Posted on FHOTD. It's amazing what we call entertainment. No wonder rodeos have bad reputations.


----------



## Sunny (Mar 26, 2010)

Saw that on Fugly today, too.

Sickens me.
_Posted via Mobile Device_


----------



## natisha (Jan 11, 2011)

I sent nasty grams to BBR & all their sponsors. Well, not really nasty but letting them know that that was neither entertaining or right, along with the reasons. Money talks as all businesses fear a boycott.


----------



## DressageDreamer (Feb 29, 2012)

Those poor little ponies. Some people just aren't that intelligent.......apparently!


----------



## MacabreMikolaj (May 9, 2009)

I got into words with that idiot "Speedhorsejunkie" who's defending them tooth and nail who actually tried to compare my use of side reins when I lunge to adult men barrel racing miniature ponies in terms of abuse. Some people will grasp at any straw.


----------



## nvr2many (Jan 18, 2011)

I did not find that entertaining at all! Actually disrespectful was what came to mind!


----------



## kait18 (Oct 11, 2011)

oh my gosh very sad


----------



## GoldSahara (May 4, 2010)

I want those horses to lay down and bite those a**holes in their jewels.
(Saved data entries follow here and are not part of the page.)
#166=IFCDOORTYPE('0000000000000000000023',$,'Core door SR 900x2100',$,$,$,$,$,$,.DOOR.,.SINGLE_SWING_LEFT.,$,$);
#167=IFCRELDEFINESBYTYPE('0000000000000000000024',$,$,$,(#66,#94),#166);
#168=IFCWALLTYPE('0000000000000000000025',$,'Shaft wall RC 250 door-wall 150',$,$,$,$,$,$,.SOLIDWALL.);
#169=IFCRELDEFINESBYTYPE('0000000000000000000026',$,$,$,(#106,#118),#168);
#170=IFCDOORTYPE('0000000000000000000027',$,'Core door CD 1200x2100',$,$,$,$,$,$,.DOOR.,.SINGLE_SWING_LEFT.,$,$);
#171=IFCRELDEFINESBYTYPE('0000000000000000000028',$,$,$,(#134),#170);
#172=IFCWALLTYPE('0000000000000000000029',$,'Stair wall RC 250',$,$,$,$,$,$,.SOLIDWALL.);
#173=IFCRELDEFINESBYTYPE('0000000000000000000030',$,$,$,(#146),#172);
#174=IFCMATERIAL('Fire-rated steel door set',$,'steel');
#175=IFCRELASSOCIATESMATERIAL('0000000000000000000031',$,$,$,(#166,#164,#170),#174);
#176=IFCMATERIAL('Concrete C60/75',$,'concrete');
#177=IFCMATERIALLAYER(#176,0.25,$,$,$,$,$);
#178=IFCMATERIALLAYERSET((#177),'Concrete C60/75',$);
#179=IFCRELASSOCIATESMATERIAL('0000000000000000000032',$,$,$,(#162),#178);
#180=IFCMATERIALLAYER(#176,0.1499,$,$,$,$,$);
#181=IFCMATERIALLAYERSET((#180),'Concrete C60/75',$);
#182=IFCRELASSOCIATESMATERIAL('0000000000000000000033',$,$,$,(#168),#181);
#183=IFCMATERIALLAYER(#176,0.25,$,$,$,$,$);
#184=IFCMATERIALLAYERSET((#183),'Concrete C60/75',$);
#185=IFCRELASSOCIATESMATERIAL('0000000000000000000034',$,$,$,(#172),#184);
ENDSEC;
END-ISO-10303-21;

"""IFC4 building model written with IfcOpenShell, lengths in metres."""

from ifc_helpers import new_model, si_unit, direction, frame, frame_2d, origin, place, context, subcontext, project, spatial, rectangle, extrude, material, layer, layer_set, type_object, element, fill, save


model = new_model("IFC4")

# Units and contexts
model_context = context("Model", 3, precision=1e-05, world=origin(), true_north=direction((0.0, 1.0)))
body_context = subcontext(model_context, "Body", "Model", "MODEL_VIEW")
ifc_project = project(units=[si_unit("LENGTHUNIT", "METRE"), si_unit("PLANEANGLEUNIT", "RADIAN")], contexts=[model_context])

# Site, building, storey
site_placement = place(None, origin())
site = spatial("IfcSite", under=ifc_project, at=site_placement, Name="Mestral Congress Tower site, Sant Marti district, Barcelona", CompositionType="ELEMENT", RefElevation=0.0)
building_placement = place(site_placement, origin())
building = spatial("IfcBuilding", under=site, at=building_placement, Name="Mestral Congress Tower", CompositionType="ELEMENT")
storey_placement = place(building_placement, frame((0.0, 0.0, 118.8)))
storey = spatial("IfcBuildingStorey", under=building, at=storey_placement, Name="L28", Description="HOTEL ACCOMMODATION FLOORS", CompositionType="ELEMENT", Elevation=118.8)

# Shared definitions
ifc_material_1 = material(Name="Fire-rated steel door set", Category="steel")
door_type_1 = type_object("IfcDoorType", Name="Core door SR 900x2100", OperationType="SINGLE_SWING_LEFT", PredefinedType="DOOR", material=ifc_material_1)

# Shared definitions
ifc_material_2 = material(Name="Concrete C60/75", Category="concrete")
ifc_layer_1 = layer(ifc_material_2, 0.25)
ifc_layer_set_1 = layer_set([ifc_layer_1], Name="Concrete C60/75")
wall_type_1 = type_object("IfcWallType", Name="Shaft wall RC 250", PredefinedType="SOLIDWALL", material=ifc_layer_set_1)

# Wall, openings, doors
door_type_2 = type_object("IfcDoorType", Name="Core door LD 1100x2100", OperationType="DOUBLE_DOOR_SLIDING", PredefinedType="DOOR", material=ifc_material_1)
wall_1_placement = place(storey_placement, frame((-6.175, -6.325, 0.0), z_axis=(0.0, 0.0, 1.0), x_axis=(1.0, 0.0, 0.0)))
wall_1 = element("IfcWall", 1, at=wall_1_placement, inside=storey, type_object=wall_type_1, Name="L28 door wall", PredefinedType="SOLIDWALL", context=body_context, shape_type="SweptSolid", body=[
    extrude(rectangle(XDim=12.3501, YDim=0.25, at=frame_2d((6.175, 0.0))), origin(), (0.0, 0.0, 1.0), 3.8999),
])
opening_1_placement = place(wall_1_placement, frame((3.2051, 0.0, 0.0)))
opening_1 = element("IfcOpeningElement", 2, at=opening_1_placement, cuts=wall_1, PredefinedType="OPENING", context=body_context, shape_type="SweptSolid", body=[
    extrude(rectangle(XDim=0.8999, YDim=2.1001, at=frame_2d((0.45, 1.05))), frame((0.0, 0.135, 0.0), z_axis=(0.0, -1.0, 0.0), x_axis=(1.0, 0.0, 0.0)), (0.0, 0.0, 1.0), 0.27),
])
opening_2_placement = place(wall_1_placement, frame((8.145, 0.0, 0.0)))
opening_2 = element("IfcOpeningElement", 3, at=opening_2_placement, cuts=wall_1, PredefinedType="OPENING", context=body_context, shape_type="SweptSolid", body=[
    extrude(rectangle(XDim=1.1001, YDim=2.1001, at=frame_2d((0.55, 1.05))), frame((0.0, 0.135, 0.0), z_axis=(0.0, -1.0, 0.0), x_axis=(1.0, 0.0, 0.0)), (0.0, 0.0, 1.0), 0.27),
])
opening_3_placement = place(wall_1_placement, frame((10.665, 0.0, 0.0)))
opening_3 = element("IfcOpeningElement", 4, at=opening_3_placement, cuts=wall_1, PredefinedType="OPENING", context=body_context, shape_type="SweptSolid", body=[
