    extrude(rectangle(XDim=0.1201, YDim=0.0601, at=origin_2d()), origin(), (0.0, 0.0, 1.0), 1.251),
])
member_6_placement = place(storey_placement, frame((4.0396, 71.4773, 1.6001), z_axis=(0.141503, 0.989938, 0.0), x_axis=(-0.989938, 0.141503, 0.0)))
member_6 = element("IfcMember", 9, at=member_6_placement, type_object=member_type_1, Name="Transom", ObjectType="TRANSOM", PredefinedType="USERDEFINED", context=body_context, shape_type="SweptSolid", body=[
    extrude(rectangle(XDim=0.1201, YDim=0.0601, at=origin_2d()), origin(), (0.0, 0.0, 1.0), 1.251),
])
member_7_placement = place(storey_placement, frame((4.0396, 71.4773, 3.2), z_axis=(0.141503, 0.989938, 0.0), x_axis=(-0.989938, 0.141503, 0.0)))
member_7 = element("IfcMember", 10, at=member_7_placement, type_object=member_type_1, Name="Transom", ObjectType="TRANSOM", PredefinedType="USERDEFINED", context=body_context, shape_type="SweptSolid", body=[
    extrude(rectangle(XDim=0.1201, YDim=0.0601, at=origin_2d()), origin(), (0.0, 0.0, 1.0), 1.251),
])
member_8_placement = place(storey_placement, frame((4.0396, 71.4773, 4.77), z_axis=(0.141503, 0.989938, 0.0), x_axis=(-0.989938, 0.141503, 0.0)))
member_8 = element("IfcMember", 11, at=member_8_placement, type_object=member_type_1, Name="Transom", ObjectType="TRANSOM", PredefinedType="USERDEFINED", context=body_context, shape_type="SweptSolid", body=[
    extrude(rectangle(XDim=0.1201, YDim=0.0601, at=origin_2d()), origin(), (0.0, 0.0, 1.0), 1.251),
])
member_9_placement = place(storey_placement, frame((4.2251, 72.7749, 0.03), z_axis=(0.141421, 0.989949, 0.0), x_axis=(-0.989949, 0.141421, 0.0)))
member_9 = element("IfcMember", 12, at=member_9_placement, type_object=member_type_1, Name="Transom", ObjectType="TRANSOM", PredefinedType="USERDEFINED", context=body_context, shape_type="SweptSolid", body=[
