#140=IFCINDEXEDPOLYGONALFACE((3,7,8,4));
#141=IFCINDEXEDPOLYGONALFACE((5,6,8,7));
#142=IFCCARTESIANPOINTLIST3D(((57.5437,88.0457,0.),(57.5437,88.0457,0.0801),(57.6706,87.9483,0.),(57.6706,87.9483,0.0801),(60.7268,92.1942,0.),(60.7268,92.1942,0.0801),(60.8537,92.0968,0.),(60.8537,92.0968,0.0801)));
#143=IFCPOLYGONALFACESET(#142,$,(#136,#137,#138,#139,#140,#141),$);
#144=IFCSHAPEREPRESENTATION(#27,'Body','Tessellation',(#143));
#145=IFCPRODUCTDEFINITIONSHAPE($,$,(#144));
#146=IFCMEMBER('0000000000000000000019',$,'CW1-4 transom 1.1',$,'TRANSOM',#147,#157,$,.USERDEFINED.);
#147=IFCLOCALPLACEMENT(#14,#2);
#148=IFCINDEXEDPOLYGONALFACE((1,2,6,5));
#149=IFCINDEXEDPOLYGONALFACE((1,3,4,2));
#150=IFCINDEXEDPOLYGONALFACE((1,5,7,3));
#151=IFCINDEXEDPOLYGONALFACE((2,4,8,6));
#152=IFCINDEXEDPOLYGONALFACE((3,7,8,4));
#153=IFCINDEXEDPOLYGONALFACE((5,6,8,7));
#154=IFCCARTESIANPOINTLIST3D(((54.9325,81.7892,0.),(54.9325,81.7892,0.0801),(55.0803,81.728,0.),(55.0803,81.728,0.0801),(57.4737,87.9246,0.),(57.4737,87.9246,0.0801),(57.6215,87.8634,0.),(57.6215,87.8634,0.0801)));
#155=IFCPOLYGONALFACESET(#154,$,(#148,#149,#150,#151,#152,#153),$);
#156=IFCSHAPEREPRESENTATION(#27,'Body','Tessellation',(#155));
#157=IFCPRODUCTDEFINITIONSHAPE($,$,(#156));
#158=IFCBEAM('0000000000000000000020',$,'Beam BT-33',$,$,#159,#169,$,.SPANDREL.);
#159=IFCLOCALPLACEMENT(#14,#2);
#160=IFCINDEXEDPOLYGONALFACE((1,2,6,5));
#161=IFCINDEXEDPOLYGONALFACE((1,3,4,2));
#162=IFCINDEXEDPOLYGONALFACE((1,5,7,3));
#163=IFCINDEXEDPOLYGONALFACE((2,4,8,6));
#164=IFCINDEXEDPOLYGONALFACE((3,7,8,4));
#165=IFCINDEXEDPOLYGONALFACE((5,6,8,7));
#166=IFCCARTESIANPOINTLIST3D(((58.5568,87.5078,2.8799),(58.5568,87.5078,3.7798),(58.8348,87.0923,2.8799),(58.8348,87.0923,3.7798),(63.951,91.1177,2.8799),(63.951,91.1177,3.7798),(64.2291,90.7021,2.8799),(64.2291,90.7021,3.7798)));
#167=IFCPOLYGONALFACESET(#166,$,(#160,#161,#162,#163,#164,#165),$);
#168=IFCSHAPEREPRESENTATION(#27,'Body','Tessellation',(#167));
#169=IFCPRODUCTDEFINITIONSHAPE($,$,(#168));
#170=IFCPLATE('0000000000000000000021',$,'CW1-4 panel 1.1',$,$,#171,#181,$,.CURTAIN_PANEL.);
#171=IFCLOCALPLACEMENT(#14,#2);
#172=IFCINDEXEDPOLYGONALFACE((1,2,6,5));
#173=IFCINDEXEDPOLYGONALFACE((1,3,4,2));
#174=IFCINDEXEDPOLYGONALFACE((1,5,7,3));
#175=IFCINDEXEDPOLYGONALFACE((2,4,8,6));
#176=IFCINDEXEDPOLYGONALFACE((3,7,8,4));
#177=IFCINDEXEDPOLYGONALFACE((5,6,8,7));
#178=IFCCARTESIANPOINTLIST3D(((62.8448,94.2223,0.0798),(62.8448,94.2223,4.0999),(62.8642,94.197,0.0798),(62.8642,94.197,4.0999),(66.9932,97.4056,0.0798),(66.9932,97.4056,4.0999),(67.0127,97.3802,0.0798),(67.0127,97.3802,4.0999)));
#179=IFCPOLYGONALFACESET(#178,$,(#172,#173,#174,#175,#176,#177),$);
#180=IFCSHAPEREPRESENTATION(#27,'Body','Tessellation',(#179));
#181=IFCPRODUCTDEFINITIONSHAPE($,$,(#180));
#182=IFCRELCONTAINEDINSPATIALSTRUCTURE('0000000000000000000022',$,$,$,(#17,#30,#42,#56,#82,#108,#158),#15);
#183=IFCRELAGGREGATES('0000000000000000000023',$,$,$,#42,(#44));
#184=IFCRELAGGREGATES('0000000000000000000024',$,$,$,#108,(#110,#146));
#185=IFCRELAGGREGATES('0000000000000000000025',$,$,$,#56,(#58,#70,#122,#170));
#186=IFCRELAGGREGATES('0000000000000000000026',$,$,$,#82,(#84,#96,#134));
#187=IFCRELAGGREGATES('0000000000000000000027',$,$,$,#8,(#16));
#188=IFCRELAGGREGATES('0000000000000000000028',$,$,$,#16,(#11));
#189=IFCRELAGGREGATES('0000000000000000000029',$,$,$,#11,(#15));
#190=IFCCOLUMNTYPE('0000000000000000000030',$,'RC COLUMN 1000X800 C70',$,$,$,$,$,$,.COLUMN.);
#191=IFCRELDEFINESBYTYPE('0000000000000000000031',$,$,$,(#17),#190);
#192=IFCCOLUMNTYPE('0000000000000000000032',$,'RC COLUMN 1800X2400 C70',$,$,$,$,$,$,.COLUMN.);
Jerks.


----------



## northwesten (Apr 28, 2012)

Shetland Grand nation is more entertaining than that and the riders are kids too..


----------



## Rascaholic (Oct 4, 2010)

That is not what I call entertainment  poor little ponehs need new homes!!


----------



## crimsonsky (Feb 18, 2011)

the video has been removed.

i assume, based on comments made here, that these were miniature horses barrel racing?


----------



## northwesten (Apr 28, 2012)

user removed it... must of got some major hate comments on its channel.


----------



## MacabreMikolaj (May 9, 2009)

Yup, it was basically two fairly large sized men riding two Miniatures bareback - small enough that they could EASILY stand above them and walk. Did they choose to do that? Nope - they kicked their feet back like they were riding a motorcycle and kicked the entire way. And fell off every 0.5 seconds, and wrenched the Mini's neck around hauling on the reins.


----------